Repeating the same procedure as in my other answer $$\left( \begin{array}{cc} x_{\text{given}} & x_{\text{calc}} \\ 1.0 & 0.99726 \\ 1.1 & 1.09810 \\ 1.2 & 1.19884 \\ 1.3 & 1.29941 \\ 1.4 & 1.39978 \\ 1.5 & 1.49996 \\ 1.6 & 1.59999 \\ 1.7 & 1.69990 \\ 1.8 & 1.79974 \\ 1.9 & 1.89954 \\ 2.0 & 1.99936 \\ 2.1 & 2.09922 \\ 2.2 & 2.19917 \\ 2.3 & 2.29921 \\ 2.4 & 2.39936 \\ 2.5 & 2.49961 \\ 2.6 & 2.59994 \\ 2.7 & 2.70029 \\ 2.8 & 2.80061 \\ 2.9 & 2.90081 \\ 3.0 & 3.00076 \\ 3.1 & 3.10033 \end{array} \right)$$

Answer 5

Due to their transcendental nature an exact inverse relation cannot be defined. A numerical iteration supplies exact heights.

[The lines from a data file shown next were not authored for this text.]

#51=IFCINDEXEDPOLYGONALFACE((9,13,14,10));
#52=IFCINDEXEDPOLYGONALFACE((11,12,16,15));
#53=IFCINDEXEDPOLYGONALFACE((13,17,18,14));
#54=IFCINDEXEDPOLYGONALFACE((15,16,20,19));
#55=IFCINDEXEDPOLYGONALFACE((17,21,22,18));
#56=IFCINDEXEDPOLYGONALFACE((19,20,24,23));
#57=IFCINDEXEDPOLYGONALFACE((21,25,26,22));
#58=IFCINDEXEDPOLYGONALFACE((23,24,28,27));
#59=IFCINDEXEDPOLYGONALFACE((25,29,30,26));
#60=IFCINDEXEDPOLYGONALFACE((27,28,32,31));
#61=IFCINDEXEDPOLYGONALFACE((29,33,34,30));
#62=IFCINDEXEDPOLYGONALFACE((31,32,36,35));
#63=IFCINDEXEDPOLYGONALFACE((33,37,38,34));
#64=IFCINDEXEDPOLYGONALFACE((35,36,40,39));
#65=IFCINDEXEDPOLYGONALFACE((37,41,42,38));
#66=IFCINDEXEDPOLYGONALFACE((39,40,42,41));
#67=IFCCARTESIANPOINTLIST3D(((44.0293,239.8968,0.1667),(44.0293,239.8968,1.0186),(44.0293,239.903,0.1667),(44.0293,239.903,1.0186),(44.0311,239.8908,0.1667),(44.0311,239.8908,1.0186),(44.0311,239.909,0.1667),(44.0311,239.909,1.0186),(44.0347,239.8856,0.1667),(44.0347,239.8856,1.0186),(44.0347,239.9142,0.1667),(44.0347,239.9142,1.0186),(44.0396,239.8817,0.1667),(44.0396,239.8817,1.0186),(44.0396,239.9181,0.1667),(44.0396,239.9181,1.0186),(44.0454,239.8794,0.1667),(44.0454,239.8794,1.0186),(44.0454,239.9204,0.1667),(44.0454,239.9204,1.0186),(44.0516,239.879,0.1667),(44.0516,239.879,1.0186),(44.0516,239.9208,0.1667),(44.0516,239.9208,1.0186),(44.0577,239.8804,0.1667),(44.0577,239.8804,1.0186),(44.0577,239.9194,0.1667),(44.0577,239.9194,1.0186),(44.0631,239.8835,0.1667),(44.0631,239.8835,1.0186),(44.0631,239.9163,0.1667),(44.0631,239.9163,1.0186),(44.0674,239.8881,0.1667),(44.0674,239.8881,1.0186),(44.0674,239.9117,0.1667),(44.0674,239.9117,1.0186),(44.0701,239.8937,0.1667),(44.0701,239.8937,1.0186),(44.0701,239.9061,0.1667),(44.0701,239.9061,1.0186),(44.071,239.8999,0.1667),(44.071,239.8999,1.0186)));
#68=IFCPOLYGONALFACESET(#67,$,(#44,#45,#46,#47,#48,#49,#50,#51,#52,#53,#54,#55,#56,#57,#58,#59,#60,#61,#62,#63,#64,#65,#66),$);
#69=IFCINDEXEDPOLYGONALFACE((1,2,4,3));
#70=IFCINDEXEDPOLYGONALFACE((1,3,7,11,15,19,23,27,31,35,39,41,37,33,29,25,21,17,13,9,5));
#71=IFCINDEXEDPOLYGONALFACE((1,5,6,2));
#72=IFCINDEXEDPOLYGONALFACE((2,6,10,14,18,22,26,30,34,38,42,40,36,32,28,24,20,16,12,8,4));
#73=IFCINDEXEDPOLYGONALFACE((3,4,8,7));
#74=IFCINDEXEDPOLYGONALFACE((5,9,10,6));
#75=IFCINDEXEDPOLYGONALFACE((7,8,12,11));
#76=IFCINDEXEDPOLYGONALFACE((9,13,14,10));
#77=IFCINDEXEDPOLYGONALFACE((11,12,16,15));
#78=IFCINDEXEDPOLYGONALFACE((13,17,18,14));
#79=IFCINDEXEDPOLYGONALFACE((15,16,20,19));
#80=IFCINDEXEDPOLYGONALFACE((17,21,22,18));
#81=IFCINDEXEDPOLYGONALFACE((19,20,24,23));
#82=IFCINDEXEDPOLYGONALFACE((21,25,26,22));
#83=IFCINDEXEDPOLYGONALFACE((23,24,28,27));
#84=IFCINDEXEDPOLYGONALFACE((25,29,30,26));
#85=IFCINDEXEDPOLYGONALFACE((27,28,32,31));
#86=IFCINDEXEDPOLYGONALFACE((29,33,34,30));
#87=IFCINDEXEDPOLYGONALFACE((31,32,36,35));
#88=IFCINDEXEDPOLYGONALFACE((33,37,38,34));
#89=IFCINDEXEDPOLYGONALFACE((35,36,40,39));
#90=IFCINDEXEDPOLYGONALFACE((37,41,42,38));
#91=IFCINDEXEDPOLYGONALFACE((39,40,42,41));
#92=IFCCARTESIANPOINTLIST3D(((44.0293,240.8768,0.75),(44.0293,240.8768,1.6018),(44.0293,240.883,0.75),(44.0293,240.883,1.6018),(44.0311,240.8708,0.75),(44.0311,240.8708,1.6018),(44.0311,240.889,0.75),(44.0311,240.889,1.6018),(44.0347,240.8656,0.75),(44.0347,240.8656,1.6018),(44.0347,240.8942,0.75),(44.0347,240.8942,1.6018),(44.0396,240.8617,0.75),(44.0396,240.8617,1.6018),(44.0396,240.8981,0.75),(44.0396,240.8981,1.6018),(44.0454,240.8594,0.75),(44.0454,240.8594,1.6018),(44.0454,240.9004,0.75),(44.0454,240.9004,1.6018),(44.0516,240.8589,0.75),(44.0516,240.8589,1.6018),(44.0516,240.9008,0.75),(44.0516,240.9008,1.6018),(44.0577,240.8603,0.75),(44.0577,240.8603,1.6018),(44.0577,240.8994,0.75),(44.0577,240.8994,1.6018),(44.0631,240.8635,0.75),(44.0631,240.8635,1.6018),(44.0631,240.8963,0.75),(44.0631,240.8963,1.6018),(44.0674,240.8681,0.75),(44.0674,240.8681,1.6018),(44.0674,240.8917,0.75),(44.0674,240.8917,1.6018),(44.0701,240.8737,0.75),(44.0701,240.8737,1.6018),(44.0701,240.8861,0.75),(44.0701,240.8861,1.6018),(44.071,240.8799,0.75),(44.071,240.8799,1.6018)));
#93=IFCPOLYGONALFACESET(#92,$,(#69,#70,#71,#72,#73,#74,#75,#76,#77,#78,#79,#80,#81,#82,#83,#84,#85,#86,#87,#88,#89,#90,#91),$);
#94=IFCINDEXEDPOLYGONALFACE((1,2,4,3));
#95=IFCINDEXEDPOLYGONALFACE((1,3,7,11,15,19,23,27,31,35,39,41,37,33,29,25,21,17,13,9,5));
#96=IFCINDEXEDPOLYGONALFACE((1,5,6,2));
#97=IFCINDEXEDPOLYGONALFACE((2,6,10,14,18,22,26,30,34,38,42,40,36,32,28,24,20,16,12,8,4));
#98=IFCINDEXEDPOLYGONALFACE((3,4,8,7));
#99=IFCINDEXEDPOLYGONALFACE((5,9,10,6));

In the following a differential equation approach is chosen and set up in Mathematica. Started with parametrization on $t$ but ended up as normal ODE to output height $h$ as dependent variable. It is integrated to read off y-axis water heights at desired x-axis volume fraction of cylindrical tank ( three outputs shown) :

$$ x= \dfrac{A}{\pi R^2}=\dfrac{t-\sin t}{2 \pi};\, y= \dfrac{h}{R}=1-\cos t/2\, $$ $$ x'=\dfrac{1 - \cos t}{2 \pi}; \,y'= \dfrac12 \,\sin t/2 $$

$$ \dfrac{dy}{dx}=\dfrac{y'}{x'}=\pi \dfrac {\sqrt{1-(1-y)^2}}{2 ( 1- \cos^2 t/2})= \dfrac{\pi/2}{\sqrt{y(1-y)}}$$

 niveau = {Y'[x] == (Pi/2)/Sqrt[Y[x] (2 - Y[x])], Y[0] == 10^-8};
    NDSolve[niveau, Y, {x, 0, xm}];
    y[u_] = Y[u] /. First[%];
    Plot[y[x], {x, 0., 1}, GridLines -> Automatic, AspectRatio -> 1, 
     PlotStyle -> {Blue, Thick}, Axes -> True, 
     AxesLabel -> {AreaFraction, Height}]
    {y[0.2].y[0.6], y[0.85]}
    ParametricPlot[{(t - Sin[t])/(2 Pi), (1 - Cos[t/2])}, {t, 0, 2 Pi}, 
     AspectRatio -> 1, PlotStyle -> {Blue, Thick}, GridLines -> Automatic,
      Axes -> True, AxesLabel -> {AreaFraction, Height}]

Integrated and direct plots are seen to be identical.